Purpose: The progression of geographic atrophy (GA) secondary to age-related macular degeneration is highly variable among individuals. Prediction of the progression is critical to identify patients who will benefit most from the first treatments currently approved. The aim of this study was to investigate the value and difference in predictive power between ophthalmologists and artificial intelligence (AI) in reliably assessing individual speed of GA progression.
Design: Prospective, expert and AI comparison study.
Participants: Eyes with natural progression of GA from a prospective study (NCT02503332).

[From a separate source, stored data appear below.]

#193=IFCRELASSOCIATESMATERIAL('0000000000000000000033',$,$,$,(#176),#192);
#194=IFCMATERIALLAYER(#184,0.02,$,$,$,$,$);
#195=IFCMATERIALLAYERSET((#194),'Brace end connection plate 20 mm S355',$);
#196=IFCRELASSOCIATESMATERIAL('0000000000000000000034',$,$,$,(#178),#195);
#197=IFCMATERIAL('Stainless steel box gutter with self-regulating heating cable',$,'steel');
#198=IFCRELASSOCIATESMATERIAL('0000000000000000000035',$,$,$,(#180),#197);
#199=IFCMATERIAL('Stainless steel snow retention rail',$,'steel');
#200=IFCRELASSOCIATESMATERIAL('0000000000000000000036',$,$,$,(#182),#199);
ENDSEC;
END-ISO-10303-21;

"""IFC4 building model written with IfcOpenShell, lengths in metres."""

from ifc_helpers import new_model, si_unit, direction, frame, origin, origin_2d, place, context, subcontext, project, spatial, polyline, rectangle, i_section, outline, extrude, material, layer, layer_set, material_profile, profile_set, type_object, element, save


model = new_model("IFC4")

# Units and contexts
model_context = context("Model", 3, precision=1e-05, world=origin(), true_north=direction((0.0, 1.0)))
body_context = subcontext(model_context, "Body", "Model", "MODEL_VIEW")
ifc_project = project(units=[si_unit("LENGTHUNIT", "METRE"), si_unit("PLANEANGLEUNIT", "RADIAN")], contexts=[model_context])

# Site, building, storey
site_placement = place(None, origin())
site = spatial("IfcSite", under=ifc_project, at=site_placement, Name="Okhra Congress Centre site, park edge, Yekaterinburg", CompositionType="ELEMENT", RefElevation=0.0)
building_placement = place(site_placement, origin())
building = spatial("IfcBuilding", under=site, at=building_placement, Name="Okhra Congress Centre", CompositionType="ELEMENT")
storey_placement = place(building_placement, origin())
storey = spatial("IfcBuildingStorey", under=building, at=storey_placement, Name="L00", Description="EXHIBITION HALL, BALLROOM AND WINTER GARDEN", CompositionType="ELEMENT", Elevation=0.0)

Methods: Ophthalmologists predicted yearly growth speed of GA as well as selected the potentially faster-growing lesions from 2 eyes based on fundus autofluorescence (FAF), near-infrared reflectance (NIR), and OCT. A deep learning algorithm predicted progression solely on the baseline OCT (Spectralis, Heidelberg Engineering).
Main outcome measures: Accuracy, weighted κ, and concordance index (c-index) between the prediction made by ophthalmology specialists, ophthalmology residents, and the AI algorithm.
Results: A total of 134 eyes of 134 patients from a phase II clinical trial were included; among them, 53 were from the sham arm, and 81 were from untreated fellow eyes. Four ophthalmologists performed 2880 gradings. Human experts reached an accuracy of 0.37, 0.43, and 0.41 and a κ of 0.06, 0.16, and 0.18 on FAF, NIR + OCT, and FAF + NIR + OCT, respectively. On a pairwise comparison task, human experts achieved a c-index of 0.62, 0.59, and 0.60. Automated AI-based analysis reached an accuracy of 0.48 and κ of 0.23 on the first task, and c-index of 0.69 on the second task solely utilizing OCT imaging.
Conclusions: Prediction of individual progression will become an important task for patient counseling, most importantly with the treatments becoming available. Human gradings improved with the availability of OCT. However, automated AI performed better than ophthalmologists in several comparisons. Artificial intelligence-supported decisions improve clinical precision, access to timely care for the community, and socioeconomic feasibility in the management of the leading cause of irreversible vision loss.
Financial disclosure(s): The author(s) have no proprietary or commercial interest in any materials discussed in this article.